Tja dann lagen sie da, die Angeln.... und nix tat sich.... mittlerweile war es wirklich kalt geworden. 
Die Wellen klatschten ans Ufer, an der Rutenspitze wäre ein Biss niemals zu erkennen gewesen.... Ich hatte echt keine große Lust mich noch länger zu quälen... 
Doch plötzlich bekam ich auf einer Rute einen heftigen Biss... innerhalb kürzester Zeit riss der Fisch ca 15m Schnur von der Rolle. Anhieb ! Und schon war die Rute krumm. Doch nach ca. 1 Minute wars vorbei.... der Fisch löste sich vom Haken. 
Meine Motivation jetzt noch weiterzuangeln ging gegen Null. Doch irgendwas trieb mich an, meinen inneren Schweinehund zu überwinden, und nochmal auszuwerfen. Doch bevor ich dies tat, kürzte ich nochmal das Vorfach, damit die Brotflocke näher am Grund war. 
Hier ein Bild von meiner Montage [der Kenner sieht, dass ich ein Heringsblei verwende, und zwar eins der Marke HeinerV - Danke Heiner  man sieht auch dass ich normalerweise nicht viel auf Karpfen angle :q :q ] achja das Rote ist meine Motorhaube :q 





Also beide Ruten nochmal rausgewuchtet..... 
nach ca. 3 Minuten, laufen ca. 1-2 Meter Schnur von der Rolle, zuerst dachte ich noch es sei der Wind, doch sicherheitshalber nahm ich die Rute in die Hand. Nach ca. 3 Minuten bewegte sich der "Schnurpunkt" zielstrebig in Richtung Seemitte. Jetzt wars Zeit für den Anhieb.... und diesmal hatte ich ihn! 
Was jetzt kam war mehr als furchtbar... der Wind pfiff mir um die Ohren, der Fisch war kaum zu halten, da ich nicht zuviel Druck ausüben wollte (hatte ja schließlich schon einen verloren) 
Nach ca. 15 Minuten Drill, konnte ich den Fisch dann endlich keschern. Ein strammer Karpfen ! 
Hab dann noch versucht mit Selbstauslöser ein Bild hinzukriegen, ich hoffe ihr könnt was erkennen :q und wie schon gesagt das rote ist die Motorhaube  






Gerade als ich ihn betäuben und mit einem Kiemenschnitt ins Jenseits befördern wollte, spannte er seine Flügel auf und flog zurück ins Wasser :q 

P.S: Ich hab den Fisch nicht gewogen.. wie schwer schätzt ihr den?


----------



## Laksos (30. März 2004)

*AW: Mein erster Karpfen !!!*

Petri heil, Franz,

zu so einem wunderschön glänzenden Karpfen und zu so einer großen roten Frühjahrs-Motorhaube!    #6


----------



## Samyber (30. März 2004)

*AW: Mein erster Karpfen !!!*

Hey sauber !!! #r 

Schöner Fang, ich glaube ich muß auch endlich mal los !!!!!!
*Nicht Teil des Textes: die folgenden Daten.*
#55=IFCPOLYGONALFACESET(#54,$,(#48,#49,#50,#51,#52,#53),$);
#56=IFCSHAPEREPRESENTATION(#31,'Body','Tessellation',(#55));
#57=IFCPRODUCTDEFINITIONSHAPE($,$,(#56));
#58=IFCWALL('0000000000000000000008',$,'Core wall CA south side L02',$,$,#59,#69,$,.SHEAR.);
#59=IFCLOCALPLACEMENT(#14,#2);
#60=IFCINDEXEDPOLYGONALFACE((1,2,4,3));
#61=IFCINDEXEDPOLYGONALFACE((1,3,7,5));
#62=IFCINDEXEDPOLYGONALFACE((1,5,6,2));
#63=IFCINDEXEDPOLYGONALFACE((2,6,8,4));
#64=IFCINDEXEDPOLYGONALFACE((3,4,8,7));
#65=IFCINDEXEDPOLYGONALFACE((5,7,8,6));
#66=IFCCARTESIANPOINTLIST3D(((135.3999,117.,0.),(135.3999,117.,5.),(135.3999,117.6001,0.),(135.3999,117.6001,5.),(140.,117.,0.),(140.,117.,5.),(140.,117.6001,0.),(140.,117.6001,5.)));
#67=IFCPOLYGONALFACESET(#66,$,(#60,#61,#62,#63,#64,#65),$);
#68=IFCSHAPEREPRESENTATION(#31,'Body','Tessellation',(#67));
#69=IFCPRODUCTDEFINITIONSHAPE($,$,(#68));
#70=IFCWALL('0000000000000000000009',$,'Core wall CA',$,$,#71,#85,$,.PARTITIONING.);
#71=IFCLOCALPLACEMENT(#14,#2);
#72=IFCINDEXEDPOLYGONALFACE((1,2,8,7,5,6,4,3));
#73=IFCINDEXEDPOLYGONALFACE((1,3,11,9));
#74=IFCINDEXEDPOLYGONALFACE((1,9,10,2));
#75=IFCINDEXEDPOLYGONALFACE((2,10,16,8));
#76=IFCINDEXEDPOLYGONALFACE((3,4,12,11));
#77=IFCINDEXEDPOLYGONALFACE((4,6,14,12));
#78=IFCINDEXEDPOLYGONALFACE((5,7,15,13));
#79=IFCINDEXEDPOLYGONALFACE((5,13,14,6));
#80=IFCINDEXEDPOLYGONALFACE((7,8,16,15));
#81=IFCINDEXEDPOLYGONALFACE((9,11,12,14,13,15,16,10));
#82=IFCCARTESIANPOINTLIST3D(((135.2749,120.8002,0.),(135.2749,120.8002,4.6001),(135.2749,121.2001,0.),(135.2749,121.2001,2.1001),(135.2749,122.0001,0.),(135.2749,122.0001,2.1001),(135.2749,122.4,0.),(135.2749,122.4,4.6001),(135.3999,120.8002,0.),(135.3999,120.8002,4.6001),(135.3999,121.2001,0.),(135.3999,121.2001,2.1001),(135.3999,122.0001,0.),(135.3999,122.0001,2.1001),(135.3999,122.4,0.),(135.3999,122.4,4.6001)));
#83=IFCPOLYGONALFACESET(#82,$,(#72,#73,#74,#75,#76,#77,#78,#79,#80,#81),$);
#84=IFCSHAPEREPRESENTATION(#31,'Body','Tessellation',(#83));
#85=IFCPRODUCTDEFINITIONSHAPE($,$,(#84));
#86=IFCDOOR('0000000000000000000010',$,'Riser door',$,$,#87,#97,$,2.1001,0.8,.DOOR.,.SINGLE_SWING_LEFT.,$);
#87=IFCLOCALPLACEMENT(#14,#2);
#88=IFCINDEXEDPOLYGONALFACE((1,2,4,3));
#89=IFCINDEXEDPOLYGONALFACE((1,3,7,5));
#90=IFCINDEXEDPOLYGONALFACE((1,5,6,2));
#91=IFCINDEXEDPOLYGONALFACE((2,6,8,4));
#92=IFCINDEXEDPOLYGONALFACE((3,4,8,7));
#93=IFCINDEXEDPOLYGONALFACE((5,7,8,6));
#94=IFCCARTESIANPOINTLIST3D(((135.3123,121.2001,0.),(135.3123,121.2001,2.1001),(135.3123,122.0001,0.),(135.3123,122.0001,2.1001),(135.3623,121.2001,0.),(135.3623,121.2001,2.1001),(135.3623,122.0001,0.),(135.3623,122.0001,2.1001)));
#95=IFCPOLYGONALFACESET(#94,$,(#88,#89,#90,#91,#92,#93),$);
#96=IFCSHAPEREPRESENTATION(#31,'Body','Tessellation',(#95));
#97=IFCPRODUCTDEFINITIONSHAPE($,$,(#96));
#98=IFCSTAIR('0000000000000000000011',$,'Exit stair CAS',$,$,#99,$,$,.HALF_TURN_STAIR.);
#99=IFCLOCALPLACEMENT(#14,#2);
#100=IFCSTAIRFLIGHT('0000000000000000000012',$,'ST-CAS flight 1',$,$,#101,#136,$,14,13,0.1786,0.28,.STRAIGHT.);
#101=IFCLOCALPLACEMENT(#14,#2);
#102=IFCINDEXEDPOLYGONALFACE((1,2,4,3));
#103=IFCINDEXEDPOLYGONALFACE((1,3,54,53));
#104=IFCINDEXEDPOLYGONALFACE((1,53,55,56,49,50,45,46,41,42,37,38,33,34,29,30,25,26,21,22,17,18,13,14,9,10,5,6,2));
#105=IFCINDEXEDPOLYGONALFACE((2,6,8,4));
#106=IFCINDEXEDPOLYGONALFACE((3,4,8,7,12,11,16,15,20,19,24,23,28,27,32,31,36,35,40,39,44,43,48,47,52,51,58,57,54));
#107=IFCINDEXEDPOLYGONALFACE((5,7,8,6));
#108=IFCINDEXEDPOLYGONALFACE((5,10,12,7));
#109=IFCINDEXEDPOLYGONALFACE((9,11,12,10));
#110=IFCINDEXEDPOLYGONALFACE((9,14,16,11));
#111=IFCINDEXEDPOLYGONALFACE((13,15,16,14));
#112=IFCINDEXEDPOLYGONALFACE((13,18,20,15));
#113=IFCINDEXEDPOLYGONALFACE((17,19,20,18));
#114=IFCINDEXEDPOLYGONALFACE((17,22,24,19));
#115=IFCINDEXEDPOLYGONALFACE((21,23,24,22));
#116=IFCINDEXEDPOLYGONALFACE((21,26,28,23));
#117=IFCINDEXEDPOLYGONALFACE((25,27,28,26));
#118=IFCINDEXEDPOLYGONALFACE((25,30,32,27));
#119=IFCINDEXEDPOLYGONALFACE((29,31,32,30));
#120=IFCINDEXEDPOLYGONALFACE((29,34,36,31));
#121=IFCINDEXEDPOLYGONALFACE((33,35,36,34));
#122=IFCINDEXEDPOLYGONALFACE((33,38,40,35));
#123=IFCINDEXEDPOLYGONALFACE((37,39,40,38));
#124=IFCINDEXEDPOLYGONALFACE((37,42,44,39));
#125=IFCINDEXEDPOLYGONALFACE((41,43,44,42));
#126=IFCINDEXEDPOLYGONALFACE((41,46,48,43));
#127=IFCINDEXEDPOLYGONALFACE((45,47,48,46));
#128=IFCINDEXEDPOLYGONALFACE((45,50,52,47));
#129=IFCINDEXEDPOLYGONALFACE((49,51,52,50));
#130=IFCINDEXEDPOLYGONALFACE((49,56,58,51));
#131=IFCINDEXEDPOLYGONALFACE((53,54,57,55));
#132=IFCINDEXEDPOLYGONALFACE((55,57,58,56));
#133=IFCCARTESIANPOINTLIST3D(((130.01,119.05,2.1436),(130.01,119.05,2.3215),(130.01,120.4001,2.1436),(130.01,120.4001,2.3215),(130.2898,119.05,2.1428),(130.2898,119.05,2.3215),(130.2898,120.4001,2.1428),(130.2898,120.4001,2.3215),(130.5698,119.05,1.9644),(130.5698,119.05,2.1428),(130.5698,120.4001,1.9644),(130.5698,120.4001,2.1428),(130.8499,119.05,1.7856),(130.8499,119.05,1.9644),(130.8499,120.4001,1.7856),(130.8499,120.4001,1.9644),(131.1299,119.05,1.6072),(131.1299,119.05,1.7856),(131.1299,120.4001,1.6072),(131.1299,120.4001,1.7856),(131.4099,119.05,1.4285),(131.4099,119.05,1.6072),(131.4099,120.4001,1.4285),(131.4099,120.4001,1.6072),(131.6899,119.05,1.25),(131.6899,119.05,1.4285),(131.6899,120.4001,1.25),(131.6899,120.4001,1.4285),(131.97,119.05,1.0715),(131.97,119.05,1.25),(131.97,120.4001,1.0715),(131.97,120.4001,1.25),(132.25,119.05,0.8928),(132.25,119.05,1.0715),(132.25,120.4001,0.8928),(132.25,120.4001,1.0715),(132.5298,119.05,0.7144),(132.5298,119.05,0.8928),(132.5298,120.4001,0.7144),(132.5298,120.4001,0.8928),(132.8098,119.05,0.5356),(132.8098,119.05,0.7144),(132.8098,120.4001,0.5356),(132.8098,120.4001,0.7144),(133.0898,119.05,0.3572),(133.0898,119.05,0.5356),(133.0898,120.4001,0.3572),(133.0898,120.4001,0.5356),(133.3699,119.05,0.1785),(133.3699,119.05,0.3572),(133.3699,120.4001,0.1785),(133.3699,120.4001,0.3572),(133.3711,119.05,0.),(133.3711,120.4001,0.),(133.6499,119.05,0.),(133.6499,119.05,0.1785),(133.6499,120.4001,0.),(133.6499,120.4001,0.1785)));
Aber heute war erstmal Gartenarbeit angesagt !!  

Naja, das nächste Wochenende kommt bestimmt !


----------



## Case (30. März 2004)

*AW: Mein erster Karpfen !!!*

6-7 Pfund.  Aber sehr gesund.

Petri
Case


----------



## Alexander2781 (30. März 2004)

*AW: Mein erster Karpfen !!!*

Hallo Franz, 

glückwunsch zu Deinem ersten Karpfen in diesem Jahr. Also ich schätze, daß dieser Karpfen ca. 8 Pfund auf die Waage bringen würde.

Gruß und Petri Heil
Alexander2781


----------



## ShogunZ (30. März 2004)

*AW: Mein erster Karpfen !!!*

Der Karpfen hat doch keine 8 Pfund - is jetzt nix gegen dich Franz.
Schätz auch so ~6 Pfund.

...Wartets mal, hab a cooles Bild.


----------



## ShogunZ (30. März 2004)

*AW: Mein erster Karpfen !!!*

Hallo zusammen!!!
Cooler Bericht Franz!!!

War letztes Mal auch auf Karpfen, und sogar recht erfolgreich.

Im Anhang findet ihr ein Bild, das ein Kumpel von mir geschossen hat. (während meines Drills)
War zwar ein ziemlicher Winzling, aber aussuchen kann man sich die Karpfen ja noch nicht.

Morgen gehts wieder raus und da versuch ich auch ein paar Schnappschüsse zu machen.


----------



## lector (31. März 2004)

*AW: Mein erster Karpfen !!!*

Ja Petri Franz  #r 
Schöner Fisch zum Anfang der Saison! Die dinger sind auch sowas von Aerodynamisch der kleinste Windstoss und die sind wieder im Wasser :q 

Gruss Tom


----------



## rob (31. März 2004)

*AW: Mein erster Karpfen !!!*

petri heil franzl!!!!
ich schätz ihn auf 7-8 pfund#h#h


----------



## Pilkman (31. März 2004)

*AW: Mein erster Karpfen !!!*

Glückwunsch Franzerl!!!  #h  #h  #h 

Wirklich ein bildhübscher Fisch, den Du da auf die Matte gelegt hast. #6 Tolle Färbung, wird bestimmt mal ein dickes Schmuckstück!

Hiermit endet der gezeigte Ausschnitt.